As an early champion of women in journalism, Mr. Felker helped Steinem's fledgling magazine, Ms., get off the ground when he included a 40-page preview issue in an edition of New York.

Yet, for all his success in defining an era, Mr. Felker was just as often derided for what could be called his feats of Clay. He once published a nude photo of Viva, an actress associated with Andy Warhol, and critics found some articles to be adolescent or needlessly provocative.

The journalism review More complained that New York magazine was little more than "a weekly diet of superficiality at best and deception at worst, reality distorted for the sake of titillation."

Breslin parted with Mr. Felker in the early 1970s, saying the magazine "caused me to become gagged with perfume and disheartened by character collapse."

As the circulation and reputation of his flagship magazine grew, Mr. Felker sought to expand his journalistic empire in the mid-1970s by buying the Village Voice and by launching New West, a West Coast version of New York.

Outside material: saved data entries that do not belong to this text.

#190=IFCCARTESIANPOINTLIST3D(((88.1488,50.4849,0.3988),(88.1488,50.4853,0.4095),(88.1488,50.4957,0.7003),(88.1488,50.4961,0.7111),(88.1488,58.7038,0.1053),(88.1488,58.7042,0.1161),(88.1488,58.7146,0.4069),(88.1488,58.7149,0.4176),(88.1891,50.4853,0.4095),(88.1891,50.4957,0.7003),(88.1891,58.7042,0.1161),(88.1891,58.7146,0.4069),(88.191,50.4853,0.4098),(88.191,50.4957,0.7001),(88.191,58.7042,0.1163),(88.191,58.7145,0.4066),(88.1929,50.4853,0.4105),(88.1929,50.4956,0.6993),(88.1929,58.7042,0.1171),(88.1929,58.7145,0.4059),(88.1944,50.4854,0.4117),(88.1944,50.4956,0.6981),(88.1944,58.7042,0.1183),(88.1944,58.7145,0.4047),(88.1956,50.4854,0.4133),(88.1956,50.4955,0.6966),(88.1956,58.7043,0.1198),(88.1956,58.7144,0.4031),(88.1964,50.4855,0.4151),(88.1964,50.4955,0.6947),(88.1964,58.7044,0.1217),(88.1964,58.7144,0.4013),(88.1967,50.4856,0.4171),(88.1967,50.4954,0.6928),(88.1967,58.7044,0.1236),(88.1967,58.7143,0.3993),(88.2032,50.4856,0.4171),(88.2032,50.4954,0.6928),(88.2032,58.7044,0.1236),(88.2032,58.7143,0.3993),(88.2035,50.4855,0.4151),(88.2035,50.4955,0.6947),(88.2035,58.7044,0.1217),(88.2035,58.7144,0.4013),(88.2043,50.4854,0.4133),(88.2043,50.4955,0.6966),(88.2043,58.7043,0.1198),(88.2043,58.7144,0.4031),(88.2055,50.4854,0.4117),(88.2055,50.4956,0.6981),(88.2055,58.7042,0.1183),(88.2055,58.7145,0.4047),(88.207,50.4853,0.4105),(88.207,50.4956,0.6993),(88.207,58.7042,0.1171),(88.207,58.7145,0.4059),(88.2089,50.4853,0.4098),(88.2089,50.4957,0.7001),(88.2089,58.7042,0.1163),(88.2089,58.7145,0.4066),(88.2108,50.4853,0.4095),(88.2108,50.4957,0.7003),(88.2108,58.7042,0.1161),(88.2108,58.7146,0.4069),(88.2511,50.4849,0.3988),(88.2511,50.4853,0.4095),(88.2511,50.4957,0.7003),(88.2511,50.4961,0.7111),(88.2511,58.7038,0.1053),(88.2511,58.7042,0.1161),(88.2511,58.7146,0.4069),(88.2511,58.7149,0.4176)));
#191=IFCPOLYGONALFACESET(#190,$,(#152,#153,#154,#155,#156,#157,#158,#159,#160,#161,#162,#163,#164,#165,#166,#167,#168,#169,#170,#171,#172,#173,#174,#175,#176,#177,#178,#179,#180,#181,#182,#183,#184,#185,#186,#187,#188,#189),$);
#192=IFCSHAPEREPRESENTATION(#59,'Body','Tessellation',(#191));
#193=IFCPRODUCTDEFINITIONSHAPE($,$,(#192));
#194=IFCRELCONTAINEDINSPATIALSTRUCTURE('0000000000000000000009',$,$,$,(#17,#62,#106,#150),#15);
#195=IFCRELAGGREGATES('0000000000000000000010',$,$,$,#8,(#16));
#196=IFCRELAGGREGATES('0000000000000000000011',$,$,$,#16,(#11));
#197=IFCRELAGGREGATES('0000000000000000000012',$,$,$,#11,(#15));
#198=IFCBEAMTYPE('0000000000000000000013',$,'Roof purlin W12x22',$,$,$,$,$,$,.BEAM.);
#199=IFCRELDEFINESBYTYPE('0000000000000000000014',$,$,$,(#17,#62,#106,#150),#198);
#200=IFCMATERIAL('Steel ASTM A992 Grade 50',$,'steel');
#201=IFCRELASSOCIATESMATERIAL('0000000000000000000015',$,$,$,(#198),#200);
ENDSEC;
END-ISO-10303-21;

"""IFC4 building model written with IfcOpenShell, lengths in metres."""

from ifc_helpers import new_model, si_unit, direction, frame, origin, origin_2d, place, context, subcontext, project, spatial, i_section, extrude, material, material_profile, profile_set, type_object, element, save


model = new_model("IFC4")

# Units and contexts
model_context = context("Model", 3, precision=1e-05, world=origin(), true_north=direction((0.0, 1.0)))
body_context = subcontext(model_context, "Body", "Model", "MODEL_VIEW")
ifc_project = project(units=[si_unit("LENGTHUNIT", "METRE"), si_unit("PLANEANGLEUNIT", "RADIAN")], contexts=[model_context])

In 1977, after Mr. Felker was forced out of New York magazine, he became publisher and part-owner of Esquire, where he hoped to revitalize the ailing men's journal. Less than two years later, the magazine was sold out from under him, and he was adrift once more.

Mr. Felker continued to have modest triumphs as editor of Adweek magazine and the business-oriented Manhattan Inc. in the 1980s, but both efforts proved short-lived. He was still remembered as the editor who created - and lost - New York.

Clay Schuette Felker was born Oct. 25, 1925, in St. Louis, where his father was managing editor of the Sporting News. Mr. Felker printed his first newspaper, the Greeley Street News, when he was 8 and sold it in his hometown of Webster Groves, Mo.

His earlier marriages to Leslie Blatt Felker and actress Pamela Tiffin ended in divorce. In addition to his third wife, survivors include Sheehy's daughter, Mohm Phat Sheehy of Cambridge; a stepdaughter, Maura Sheehy Moss, of Brooklyn, N.Y.; a sister; and three grandchildren.